I live here in the desert now, but I still feel like something of an outsider, to be honest. The first poem I ever wrote about the desert was rejected a couple years ago by a journal in Nevada--promptly--which kept me from writing about it again until now. I felt I obviously needed more training. I also fear I will never be a 'desert rat,' as some here are wont to call themselves.

Yet the desert has its clear-eyed romance, it is undeniable.


Mohave Sojourn
Invocation, after Rilke

That it be here to end in the desert
sand and naked rocks gracefully countered
amid dead limbs of trees near the melt of rivers
with bottoms of stone and creeks fed by stream.
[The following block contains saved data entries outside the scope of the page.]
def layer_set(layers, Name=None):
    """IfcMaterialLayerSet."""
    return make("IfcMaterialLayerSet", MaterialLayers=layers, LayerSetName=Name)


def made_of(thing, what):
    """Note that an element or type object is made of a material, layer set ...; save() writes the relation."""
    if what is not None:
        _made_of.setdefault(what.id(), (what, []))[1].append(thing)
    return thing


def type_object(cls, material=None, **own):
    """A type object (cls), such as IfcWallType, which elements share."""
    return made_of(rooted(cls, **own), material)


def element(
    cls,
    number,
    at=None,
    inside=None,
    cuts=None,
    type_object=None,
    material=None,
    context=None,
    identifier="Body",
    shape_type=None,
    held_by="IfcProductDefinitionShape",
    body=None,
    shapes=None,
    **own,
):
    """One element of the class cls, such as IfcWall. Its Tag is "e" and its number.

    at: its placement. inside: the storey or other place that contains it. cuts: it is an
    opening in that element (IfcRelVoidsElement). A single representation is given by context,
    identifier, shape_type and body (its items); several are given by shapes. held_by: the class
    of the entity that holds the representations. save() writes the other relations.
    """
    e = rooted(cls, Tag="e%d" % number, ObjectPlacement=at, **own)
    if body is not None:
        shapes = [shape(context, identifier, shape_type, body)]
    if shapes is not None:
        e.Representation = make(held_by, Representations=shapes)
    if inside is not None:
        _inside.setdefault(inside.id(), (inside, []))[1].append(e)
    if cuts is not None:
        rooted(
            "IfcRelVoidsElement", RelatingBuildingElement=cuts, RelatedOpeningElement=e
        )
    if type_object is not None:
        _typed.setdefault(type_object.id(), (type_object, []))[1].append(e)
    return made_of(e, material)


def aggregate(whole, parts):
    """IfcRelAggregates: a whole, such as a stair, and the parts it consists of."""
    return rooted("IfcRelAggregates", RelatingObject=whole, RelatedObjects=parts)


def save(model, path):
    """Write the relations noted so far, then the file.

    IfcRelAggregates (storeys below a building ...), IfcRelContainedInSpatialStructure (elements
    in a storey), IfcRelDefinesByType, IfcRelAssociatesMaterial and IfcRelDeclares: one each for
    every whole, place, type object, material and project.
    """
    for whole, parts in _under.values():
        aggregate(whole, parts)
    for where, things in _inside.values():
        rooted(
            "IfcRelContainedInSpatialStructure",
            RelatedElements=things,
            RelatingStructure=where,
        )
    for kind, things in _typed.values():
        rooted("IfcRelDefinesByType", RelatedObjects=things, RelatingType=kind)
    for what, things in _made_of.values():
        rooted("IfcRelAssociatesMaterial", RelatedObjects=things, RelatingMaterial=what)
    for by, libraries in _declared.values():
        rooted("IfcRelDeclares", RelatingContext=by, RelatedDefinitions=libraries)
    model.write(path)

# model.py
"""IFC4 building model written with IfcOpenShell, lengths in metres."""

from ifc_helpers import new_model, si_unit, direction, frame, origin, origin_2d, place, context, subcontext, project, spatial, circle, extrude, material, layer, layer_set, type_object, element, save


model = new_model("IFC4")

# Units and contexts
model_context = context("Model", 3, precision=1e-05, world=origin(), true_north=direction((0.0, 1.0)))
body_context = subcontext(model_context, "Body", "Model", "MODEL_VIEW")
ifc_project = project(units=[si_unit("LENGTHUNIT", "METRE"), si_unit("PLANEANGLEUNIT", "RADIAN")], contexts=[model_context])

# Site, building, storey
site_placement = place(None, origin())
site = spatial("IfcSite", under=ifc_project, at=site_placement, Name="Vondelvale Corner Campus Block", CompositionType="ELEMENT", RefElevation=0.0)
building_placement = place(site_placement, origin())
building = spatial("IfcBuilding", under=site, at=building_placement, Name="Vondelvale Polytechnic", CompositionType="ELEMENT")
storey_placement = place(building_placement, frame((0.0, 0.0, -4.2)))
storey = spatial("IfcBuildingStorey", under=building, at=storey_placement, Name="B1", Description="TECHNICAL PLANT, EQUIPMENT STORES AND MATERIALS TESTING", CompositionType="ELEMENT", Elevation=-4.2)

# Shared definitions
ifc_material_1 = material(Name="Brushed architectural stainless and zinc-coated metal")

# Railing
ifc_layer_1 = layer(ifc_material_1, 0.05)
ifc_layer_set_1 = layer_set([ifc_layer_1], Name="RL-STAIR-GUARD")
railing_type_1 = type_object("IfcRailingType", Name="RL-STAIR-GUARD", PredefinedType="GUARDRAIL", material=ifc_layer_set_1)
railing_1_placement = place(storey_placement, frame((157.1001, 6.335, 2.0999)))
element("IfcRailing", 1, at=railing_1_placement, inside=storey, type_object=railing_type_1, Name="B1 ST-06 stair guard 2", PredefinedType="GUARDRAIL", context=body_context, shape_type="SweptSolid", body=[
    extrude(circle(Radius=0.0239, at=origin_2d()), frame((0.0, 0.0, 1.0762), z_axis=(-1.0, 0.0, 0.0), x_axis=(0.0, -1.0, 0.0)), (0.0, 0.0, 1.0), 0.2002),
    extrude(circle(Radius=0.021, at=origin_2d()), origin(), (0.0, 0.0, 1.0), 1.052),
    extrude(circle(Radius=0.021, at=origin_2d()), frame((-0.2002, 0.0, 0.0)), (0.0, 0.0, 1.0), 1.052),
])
That it be here the skies all you imagine
the clarity which forgotten like a pavane to a death
once sung distinctly slows to a fade
the night quiet like that and full of creatures
drifting there among ancient pathways.

That it be here return to shoulders of the night
the purple silhouette ready, clearly in those mountains
that frame the floor as if it were sky.

That it be here sun an escetic prophet following
mystic bones and desert fathers to Joshua trees
parched; knows curcifixes knows wind as eternal lament
moves mountains in short order; the eye of an agate
the pinnacle of diamond.

That it be here for ache to live beyond the river
this thirst, this quench--this rich-willed land

That it be here is to lie--drenched, sweet
and dream of oceans.

1 comment:

  1. It drives me insane that blogger cannot save my caesuras! Those spaces are important in the reading/breath pauses of the poem. Guess readers will have to use their imagination. However, the author feels like her craftsmanship has been messed with irrevocably.